Rule out certain problems:
• Medical problems: A dog may display incontinence as a medical ailment. This could be due to a urinary tract infection or a kidney disease. You should consult a veterinarian and sort out the issue.
• Behavioral problems: Some dogs tend to urinate when excited or even punished. They display submissive behavior by not wagging their tail and flattening their ears.
• Improper dog training – An improperly trained dog can urinate anywhere and at any time. (Read “Why dog training is a necessity”).
• Destroying toys: Some dogs do have the habit of chewing toys at all times. It does not matter whether the guardian is at home or away.
• Boredom: Usually dogs like constant attention. If left alone, a sense of boredom can creep in making them look anxious.
• Excessive barking: Some dogs bark incessantly even when their guardians are at home. You should not confuse such behavior with separation anxiety.
How to solve the problem:
The remedial measures depend on the level of separation anxiety.

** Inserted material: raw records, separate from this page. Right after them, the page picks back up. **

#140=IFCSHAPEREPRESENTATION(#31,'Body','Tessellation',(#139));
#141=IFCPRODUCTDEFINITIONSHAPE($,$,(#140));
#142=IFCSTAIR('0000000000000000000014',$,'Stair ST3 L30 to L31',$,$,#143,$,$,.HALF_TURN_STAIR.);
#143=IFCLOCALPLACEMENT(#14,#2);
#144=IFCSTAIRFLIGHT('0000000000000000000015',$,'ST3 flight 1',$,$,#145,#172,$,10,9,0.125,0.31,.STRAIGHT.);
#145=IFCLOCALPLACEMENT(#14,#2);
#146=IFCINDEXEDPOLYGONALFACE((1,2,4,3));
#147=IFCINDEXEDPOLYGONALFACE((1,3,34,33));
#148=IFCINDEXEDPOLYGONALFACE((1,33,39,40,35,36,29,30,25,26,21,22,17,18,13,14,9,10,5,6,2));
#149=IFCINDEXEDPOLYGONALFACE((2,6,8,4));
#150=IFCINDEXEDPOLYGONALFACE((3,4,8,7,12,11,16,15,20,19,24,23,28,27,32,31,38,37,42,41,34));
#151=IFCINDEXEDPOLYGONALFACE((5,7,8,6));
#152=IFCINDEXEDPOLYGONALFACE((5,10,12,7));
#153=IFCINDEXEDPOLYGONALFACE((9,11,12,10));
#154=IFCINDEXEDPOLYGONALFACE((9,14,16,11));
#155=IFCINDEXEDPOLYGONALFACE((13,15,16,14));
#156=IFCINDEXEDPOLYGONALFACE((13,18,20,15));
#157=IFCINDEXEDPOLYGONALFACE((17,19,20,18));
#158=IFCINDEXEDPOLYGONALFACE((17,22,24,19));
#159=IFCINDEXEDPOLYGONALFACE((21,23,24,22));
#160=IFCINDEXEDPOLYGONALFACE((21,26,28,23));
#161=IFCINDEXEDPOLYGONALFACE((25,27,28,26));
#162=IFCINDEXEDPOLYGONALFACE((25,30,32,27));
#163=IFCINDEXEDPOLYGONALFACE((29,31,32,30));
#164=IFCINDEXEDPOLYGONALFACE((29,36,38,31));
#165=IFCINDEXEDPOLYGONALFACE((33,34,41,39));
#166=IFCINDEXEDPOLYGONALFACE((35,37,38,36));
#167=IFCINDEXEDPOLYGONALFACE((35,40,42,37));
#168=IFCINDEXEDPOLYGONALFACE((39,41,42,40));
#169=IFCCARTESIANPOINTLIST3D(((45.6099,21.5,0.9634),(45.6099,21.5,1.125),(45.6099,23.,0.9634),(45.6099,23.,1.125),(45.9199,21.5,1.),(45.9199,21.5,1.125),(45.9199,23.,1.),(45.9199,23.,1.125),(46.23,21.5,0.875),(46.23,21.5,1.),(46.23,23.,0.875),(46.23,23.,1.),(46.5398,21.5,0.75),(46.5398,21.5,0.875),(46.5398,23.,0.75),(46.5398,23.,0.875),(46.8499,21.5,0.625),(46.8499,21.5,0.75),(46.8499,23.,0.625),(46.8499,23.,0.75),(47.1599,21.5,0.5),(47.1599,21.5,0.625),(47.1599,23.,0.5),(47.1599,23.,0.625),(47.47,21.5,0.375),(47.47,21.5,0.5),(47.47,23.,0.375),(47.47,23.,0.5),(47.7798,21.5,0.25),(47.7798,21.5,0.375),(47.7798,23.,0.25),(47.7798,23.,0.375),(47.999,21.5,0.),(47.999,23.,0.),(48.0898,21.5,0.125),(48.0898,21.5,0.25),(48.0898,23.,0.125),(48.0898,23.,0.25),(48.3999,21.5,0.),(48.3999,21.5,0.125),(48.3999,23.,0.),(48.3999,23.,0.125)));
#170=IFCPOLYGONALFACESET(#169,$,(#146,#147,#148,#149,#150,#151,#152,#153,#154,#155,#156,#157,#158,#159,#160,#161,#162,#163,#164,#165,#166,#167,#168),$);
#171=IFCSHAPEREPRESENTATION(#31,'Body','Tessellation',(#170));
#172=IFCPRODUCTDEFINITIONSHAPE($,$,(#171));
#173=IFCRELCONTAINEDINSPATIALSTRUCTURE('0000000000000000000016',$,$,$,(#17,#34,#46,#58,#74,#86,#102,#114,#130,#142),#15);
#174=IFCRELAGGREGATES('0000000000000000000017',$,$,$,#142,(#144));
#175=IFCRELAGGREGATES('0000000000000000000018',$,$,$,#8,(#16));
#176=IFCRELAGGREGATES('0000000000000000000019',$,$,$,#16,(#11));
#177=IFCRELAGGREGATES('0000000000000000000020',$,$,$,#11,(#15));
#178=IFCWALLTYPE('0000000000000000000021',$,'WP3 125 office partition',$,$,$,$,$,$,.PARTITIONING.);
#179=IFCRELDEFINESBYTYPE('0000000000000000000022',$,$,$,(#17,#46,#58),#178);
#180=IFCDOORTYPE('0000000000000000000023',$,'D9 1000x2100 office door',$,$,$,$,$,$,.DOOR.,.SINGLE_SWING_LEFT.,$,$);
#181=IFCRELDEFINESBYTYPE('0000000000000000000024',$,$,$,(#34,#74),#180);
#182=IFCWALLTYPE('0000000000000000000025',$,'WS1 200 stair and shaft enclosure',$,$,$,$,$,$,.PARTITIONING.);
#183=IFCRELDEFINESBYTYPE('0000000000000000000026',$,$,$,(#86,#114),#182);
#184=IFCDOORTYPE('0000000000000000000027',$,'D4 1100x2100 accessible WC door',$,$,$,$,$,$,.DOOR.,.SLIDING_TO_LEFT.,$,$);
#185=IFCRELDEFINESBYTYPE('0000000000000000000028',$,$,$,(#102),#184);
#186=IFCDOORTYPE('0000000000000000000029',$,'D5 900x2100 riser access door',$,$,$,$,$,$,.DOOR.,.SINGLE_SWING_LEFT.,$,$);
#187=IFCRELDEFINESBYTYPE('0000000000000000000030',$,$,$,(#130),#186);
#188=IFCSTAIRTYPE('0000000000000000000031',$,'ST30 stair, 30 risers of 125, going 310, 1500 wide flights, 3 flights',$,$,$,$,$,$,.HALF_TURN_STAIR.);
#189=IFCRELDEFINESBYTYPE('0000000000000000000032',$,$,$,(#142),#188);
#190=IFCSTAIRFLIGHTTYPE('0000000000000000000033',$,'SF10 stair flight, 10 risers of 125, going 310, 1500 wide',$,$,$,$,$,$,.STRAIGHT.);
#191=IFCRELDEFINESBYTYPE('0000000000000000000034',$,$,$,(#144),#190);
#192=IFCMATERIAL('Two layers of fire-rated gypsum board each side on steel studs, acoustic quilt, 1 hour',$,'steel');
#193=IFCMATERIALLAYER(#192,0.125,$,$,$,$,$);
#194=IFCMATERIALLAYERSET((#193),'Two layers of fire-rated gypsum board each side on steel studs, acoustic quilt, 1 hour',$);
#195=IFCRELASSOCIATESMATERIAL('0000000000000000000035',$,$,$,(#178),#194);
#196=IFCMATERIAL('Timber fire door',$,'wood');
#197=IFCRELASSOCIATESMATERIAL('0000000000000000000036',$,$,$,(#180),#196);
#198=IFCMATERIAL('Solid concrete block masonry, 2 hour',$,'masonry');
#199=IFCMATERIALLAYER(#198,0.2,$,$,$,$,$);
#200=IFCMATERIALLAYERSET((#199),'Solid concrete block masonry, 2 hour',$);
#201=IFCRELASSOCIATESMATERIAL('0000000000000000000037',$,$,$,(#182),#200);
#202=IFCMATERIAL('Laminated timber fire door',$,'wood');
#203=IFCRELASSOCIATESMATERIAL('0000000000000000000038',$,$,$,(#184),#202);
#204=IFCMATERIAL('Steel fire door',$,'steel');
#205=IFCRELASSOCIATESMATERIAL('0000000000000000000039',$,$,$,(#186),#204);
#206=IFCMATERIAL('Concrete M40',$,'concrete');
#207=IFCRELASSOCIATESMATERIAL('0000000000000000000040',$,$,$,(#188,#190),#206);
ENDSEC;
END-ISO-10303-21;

Mild separation anxiety – Counterconditioning is the best remedy for mild separation anxiety. This treatment process changes an animal’s behavior from anxious to a pleasant and relaxed one. You can do this at home by giving your dog a puzzle toy stuffed with food. This can take at least twenty minutes to finish off. By this time, the dog may not miss your absence.
Moderate to severe separation anxiety: This requires a complex desensitization as well as a counterconditioning program. You should accustom the dog to be alone for a short period initially with a gradual increase of time. You have to be a bit careful while trying out this technique. This can make a dog more frightful. You require expert assistance in trying out this procedure.
Dogs are intelligent animals and can sense when you are going to leave. They start panicking the moment you put on your trousers and catch hold of the car keys. You can make the dog get over the panic by doing these acts several times during the day and not actually leave the house. The dog then understands that these signs do not always mean that you go out.
Graduated Departures – You have to trick your dog into believing that you remain out of his sight for short periods in a day. You can do so by hiding behind the bathroom doors. These are parts of proper dog training.
What to do to make the dog get over the separation anxiety
• You can take the dog out for regular walks when you are at home
• You can give him many aerobic exercises to perform.
• You can allow him to play with fellow dogs.
• You can provide him puzzle toys with food.
• Make him hunt for his food.
• You can increase your dog’s mental activity by teaching him special skills.
What not to do:
This is an important aspect. You should know what you should not do during such times. You should not scold or punish your dog as this can aggravate the problem instead of resolving it.
Some tips to cure separation anxiety:
• Take the dog out for frequent walks.
• Do not get too emotional with him when you return home.
• Say goodbye to your dog much in advance before you leave.
• Maintain your calm and be assertive.
• Increase the separation period gradually.
Dogs are lovable animals. You should not leave them alone. However, if the problem persisted, then you should contact a experience dog trainer in place to minimize separation anxiety.